Ellen Cregan is reading Convenience Store Woman by Sayaka Murata (translated by Ginny Tapley Takemori)
I’m about a third of the way through this offbeat and (so far) humorous novel about the life of a woman, Keiko, who has spent 18 years working at a city convenience store in Japan. Keiko finds it impossible to behave ‘normally’, or even define what ‘normal’ means, and so spends her life searching for appropriate role models to copy in order to appear regular. Meanwhile, her friends and family find it odd that she has stayed in her dead-end job for such a long time, and are constantly concerned that she has no desire to begin a career pathway, find romance or start a family.
While Keiko is happy in the convenience store aisles, the external pressure to change her ways is becoming overwhelming. I am only at the beginning of this book but I have already been completely drawn into this book’s world of rice balls, fluorescent lights and aggressively thorough customer service. This is a darkly comic novel that looks sharply at conformity, and the fraught nature of living up to other people’s expectations.
Lian Hingee is reading The Silence of the Girls by Pat Barker (available September)
I’m a little embarrassed to admit that despite her extraordinarily long list of accolades (which includes a Booker Prize), a mentorship from one of my favourite writers (Angela Carter) and a 36-year-old career, I had never read anything by Pat Barker. However, what I had heard about her writing – that it was blunt, bawdy and impeccably researched – was impressive. So I was excited when I heard that she was putting her formidable talent into retelling the Trojan War story, one of my favourite tales.

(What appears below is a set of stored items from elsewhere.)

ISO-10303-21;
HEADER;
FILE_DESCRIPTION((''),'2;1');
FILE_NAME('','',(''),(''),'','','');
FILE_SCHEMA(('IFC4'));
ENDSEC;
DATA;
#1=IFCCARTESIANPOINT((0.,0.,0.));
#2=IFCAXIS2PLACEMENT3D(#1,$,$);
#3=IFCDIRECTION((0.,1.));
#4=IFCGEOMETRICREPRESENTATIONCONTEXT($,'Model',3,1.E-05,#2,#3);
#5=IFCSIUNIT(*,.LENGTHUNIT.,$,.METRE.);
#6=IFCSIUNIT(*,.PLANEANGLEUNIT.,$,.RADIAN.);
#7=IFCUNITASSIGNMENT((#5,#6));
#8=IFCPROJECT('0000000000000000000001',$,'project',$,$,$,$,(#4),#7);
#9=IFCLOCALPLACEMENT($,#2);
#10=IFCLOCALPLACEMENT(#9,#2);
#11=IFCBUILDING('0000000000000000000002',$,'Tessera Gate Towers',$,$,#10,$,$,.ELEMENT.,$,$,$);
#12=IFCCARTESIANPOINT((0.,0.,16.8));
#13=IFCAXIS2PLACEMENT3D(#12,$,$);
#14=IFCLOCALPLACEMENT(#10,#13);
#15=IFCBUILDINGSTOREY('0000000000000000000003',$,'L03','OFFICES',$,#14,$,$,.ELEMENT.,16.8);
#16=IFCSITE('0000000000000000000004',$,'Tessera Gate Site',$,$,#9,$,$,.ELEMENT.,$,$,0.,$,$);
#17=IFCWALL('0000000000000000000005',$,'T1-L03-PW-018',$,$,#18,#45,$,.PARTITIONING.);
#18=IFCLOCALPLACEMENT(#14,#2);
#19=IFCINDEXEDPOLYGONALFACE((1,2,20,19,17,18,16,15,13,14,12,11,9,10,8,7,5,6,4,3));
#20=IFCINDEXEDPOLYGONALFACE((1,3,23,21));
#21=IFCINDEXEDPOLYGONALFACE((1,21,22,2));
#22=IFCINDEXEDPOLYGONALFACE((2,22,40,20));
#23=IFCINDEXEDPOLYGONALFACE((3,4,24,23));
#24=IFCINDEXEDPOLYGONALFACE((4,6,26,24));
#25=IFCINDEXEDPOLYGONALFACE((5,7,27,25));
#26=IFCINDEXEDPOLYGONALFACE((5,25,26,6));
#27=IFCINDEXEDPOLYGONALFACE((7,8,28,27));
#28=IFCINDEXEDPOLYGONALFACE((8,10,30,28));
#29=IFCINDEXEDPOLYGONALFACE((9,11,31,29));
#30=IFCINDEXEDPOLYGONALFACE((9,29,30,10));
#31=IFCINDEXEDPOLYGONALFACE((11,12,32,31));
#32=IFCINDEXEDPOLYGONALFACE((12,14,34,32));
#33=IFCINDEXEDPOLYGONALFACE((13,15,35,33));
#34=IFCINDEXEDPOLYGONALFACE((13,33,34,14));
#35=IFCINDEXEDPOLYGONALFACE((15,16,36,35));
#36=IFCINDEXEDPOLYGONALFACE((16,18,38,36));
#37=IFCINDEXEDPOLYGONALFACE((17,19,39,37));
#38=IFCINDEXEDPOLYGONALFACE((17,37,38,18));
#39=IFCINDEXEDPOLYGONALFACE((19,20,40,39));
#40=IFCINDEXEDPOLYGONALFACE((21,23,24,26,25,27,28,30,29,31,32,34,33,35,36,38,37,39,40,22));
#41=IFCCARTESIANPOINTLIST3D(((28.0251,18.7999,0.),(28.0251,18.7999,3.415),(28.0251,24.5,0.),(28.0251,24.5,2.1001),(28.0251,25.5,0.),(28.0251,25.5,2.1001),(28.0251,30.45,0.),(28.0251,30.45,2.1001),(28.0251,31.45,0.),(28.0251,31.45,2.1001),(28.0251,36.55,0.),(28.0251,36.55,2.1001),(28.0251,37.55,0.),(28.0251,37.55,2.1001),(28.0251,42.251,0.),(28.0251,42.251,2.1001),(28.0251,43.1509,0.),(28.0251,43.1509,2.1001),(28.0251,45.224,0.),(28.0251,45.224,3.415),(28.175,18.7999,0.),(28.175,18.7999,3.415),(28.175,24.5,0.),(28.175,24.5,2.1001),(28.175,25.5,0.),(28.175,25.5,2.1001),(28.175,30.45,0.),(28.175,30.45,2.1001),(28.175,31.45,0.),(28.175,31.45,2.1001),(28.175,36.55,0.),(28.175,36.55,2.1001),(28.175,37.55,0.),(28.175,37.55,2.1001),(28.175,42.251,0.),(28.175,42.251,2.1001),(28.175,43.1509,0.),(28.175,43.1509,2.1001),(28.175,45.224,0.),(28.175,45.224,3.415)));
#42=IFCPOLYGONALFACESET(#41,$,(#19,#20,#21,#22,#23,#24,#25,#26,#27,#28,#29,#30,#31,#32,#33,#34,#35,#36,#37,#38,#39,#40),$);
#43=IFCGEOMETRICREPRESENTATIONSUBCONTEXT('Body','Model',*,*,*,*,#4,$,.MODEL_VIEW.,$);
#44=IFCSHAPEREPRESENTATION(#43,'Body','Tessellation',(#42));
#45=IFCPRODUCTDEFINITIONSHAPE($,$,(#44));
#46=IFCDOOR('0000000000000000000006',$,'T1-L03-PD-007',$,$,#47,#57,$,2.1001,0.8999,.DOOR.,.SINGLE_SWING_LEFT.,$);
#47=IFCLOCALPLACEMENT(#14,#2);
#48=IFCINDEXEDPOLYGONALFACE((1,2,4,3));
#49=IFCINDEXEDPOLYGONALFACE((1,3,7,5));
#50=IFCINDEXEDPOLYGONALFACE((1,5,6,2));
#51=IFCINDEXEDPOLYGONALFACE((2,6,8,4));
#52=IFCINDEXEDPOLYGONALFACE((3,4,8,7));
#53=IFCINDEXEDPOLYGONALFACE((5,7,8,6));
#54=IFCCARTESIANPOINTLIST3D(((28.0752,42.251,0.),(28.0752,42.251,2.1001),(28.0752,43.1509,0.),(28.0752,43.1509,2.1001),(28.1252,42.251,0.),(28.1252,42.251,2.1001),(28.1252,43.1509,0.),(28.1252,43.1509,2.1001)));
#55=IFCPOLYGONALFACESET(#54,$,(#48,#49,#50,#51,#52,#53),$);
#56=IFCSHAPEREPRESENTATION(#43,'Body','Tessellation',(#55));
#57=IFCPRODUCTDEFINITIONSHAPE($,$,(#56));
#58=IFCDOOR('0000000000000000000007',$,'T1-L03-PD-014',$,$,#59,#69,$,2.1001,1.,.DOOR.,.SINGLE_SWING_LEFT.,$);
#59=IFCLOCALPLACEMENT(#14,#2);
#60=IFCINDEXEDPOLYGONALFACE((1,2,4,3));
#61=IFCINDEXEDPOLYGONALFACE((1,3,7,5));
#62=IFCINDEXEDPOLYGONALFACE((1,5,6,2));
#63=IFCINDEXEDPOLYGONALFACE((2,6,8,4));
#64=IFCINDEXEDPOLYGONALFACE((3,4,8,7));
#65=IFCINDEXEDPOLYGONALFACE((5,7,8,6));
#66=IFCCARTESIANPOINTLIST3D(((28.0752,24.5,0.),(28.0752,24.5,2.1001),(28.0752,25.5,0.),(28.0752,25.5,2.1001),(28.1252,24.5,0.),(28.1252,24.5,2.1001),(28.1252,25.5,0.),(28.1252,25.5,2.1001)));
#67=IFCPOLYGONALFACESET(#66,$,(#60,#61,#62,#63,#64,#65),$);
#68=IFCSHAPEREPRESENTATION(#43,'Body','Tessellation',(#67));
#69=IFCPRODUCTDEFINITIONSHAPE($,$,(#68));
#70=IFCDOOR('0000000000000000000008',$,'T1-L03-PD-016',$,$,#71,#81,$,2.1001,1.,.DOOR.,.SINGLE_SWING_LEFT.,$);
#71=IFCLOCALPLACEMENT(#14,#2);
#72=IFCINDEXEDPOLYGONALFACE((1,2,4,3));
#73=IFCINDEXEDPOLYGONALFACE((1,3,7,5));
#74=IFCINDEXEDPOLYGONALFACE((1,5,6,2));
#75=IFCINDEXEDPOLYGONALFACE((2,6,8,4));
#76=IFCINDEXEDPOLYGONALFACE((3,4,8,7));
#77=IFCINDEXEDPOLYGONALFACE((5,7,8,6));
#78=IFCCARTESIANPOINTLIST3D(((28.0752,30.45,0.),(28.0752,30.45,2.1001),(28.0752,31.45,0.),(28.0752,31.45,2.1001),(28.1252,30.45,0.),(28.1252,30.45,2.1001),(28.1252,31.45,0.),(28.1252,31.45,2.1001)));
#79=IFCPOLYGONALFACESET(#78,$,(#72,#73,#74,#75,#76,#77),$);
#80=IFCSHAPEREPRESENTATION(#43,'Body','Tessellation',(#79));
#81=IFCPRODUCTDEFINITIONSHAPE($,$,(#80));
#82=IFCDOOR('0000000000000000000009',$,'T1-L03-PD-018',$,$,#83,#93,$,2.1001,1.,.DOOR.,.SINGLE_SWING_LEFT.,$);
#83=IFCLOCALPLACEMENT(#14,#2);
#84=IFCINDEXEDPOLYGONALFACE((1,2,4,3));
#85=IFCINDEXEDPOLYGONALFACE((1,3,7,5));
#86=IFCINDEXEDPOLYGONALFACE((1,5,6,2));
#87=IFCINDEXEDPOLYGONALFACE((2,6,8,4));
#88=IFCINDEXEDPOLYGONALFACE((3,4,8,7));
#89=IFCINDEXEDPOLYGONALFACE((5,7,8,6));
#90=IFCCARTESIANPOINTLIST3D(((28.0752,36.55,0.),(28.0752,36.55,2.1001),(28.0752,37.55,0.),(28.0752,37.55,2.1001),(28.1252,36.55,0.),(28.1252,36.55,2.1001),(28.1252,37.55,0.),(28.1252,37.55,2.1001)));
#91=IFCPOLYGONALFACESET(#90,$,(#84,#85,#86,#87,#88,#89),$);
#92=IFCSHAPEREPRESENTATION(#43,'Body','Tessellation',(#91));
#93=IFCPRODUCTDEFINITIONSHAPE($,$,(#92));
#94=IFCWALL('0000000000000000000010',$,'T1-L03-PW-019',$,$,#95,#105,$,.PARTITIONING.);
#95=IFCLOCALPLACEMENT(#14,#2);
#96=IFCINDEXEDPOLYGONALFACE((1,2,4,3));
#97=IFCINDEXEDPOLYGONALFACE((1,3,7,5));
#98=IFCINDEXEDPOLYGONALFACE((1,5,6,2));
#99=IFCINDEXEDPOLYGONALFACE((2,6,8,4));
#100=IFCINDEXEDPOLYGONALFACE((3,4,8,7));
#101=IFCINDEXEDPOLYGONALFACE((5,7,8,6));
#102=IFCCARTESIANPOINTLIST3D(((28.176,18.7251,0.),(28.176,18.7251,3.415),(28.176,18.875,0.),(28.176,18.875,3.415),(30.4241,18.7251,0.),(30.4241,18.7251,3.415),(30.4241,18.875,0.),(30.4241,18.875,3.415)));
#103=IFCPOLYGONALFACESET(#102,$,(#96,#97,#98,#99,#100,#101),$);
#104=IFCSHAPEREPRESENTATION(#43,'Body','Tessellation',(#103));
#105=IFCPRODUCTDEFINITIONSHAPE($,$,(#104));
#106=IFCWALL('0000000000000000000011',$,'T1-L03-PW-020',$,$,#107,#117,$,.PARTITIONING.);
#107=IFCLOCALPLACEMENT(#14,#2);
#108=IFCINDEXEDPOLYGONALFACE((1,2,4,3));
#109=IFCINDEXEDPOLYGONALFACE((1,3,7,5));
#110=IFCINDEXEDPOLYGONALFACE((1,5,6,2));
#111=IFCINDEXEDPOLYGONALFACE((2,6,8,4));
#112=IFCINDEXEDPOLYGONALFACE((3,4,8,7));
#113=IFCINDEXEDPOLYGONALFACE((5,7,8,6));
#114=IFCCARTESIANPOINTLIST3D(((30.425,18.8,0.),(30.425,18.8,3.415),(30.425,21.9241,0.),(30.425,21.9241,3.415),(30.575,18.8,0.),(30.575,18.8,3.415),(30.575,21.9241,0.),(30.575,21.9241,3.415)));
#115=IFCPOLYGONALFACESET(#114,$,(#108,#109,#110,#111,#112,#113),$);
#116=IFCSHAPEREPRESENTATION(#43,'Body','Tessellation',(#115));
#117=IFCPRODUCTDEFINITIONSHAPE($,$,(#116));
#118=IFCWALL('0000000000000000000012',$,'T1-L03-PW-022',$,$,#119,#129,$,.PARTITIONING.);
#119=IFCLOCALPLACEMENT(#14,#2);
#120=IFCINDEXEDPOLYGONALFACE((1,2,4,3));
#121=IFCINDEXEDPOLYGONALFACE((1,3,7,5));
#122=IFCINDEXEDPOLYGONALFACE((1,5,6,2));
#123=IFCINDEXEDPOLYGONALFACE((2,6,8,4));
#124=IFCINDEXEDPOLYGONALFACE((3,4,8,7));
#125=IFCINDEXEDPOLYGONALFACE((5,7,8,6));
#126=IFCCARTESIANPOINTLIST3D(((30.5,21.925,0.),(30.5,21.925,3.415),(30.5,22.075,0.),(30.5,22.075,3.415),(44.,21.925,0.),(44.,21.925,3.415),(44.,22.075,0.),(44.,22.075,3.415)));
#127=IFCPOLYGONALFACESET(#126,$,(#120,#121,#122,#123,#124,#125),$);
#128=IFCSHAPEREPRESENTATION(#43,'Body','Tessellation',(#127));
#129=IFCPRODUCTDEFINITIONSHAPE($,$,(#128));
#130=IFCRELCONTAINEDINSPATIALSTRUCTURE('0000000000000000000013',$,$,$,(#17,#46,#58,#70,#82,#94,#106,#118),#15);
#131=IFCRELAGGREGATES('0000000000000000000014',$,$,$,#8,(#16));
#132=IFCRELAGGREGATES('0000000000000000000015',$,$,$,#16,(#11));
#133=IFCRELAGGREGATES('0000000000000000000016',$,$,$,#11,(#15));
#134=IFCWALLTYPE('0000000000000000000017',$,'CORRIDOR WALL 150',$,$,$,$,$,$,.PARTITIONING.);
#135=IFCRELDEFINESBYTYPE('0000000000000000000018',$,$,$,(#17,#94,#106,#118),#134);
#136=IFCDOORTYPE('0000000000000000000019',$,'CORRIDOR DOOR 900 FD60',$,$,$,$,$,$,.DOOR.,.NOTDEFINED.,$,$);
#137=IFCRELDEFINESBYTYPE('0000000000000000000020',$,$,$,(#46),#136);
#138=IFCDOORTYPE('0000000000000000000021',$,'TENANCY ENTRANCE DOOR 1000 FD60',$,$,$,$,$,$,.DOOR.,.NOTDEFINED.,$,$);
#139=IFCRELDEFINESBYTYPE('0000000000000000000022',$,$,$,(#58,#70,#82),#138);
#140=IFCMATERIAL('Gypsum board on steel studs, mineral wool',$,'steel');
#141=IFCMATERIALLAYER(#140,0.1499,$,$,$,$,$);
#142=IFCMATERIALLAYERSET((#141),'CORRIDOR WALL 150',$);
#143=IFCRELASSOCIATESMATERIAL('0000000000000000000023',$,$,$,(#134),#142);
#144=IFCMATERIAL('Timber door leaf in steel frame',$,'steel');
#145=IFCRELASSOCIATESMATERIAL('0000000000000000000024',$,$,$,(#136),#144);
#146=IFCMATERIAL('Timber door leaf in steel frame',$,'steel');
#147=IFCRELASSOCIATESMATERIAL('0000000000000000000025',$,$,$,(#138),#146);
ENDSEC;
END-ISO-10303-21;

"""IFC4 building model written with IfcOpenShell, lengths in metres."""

from ifc_helpers import new_model, si_unit, direction, frame, frame_2d, origin, place, context, subcontext, project, spatial, rectangle, extrude, source, transform, mapped, material, layer, layer_set, type_object, element, fill, save


model = new_model("IFC4")

# Units and contexts
model_context = context("Model", 3, precision=1e-05, world=origin(), true_north=direction((0.0, 1.0)))
body_context = subcontext(model_context, "Body", "Model", "MODEL_VIEW")
ifc_project = project(units=[si_unit("LENGTHUNIT", "METRE"), si_unit("PLANEANGLEUNIT", "RADIAN")], contexts=[model_context])

# Site, building, storey
site_placement = place(None, origin())
site = spatial("IfcSite", under=ifc_project, at=site_placement, Name="Tessera Gate Site", CompositionType="ELEMENT", RefElevation=0.0)
building_placement = place(site_placement, origin())
building = spatial("IfcBuilding", under=site, at=building_placement, Name="Tessera Gate Towers", CompositionType="ELEMENT")
storey_placement = place(building_placement, frame((0.0, 0.0, 16.8)))
storey = spatial("IfcBuildingStorey", under=building, at=storey_placement, Name="L03", Description="OFFICES", CompositionType="ELEMENT", Elevation=16.8)

# Wall, openings, doors
ifc_material_1 = material(Name="Gypsum board on steel studs, mineral wool", Category="steel")
ifc_layer_1 = layer(ifc_material_1, 0.1499)
ifc_layer_set_1 = layer_set([ifc_layer_1], Name="CORRIDOR WALL 150")
wall_type_1 = type_object("IfcWallType", Name="CORRIDOR WALL 150", PredefinedType="PARTITIONING", material=ifc_layer_set_1)
wall_1_placement = place(storey_placement, frame((28.1001, 18.8, 0.0), z_axis=(0.0, 0.0, 1.0), x_axis=(0.0, 1.0, 0.0)))
wall_1 = element("IfcWall", 1, at=wall_1_placement, inside=storey, type_object=wall_type_1, Name="T1-L03-PW-018", PredefinedType="PARTITIONING", context=body_context, shape_type="SweptSolid", body=[
    extrude(rectangle(XDim=26.4241, YDim=0.1499, at=frame_2d((13.2119, 0.0))), origin(), (0.0, 0.0, 1.0), 3.415),
])
shared_shape_1 = source(origin(), body_context, "Body", "SweptSolid", [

The Silence of the Girls tells the story of Briseis: a princess enslaved by the Greeks, awarded to Achilles, and coveted by Agamemnon. This tale is usually painted as a great love story – Achilles’ fury over losing Briseis brought the entire war to a grinding halt, and The Iliad makes much of her grief after he’s killed in battle – but Barker strips the romance from it, grounding it back in the blood and violence of war. Because you can dress it up as prettily as you like but Briseis’ story is still one filled with murder and rape. Barker, who was once instructed ‘if they can’t sympathise with the women you’re creating, then sod their fucking luck’, gives Briseis a strength, an intelligence, a voice and a consuming female rage, and combines it with an uncompromising and cleanly straightforward writing style that rips the story right out of ancient Greece and into the modern era. I’m loving it.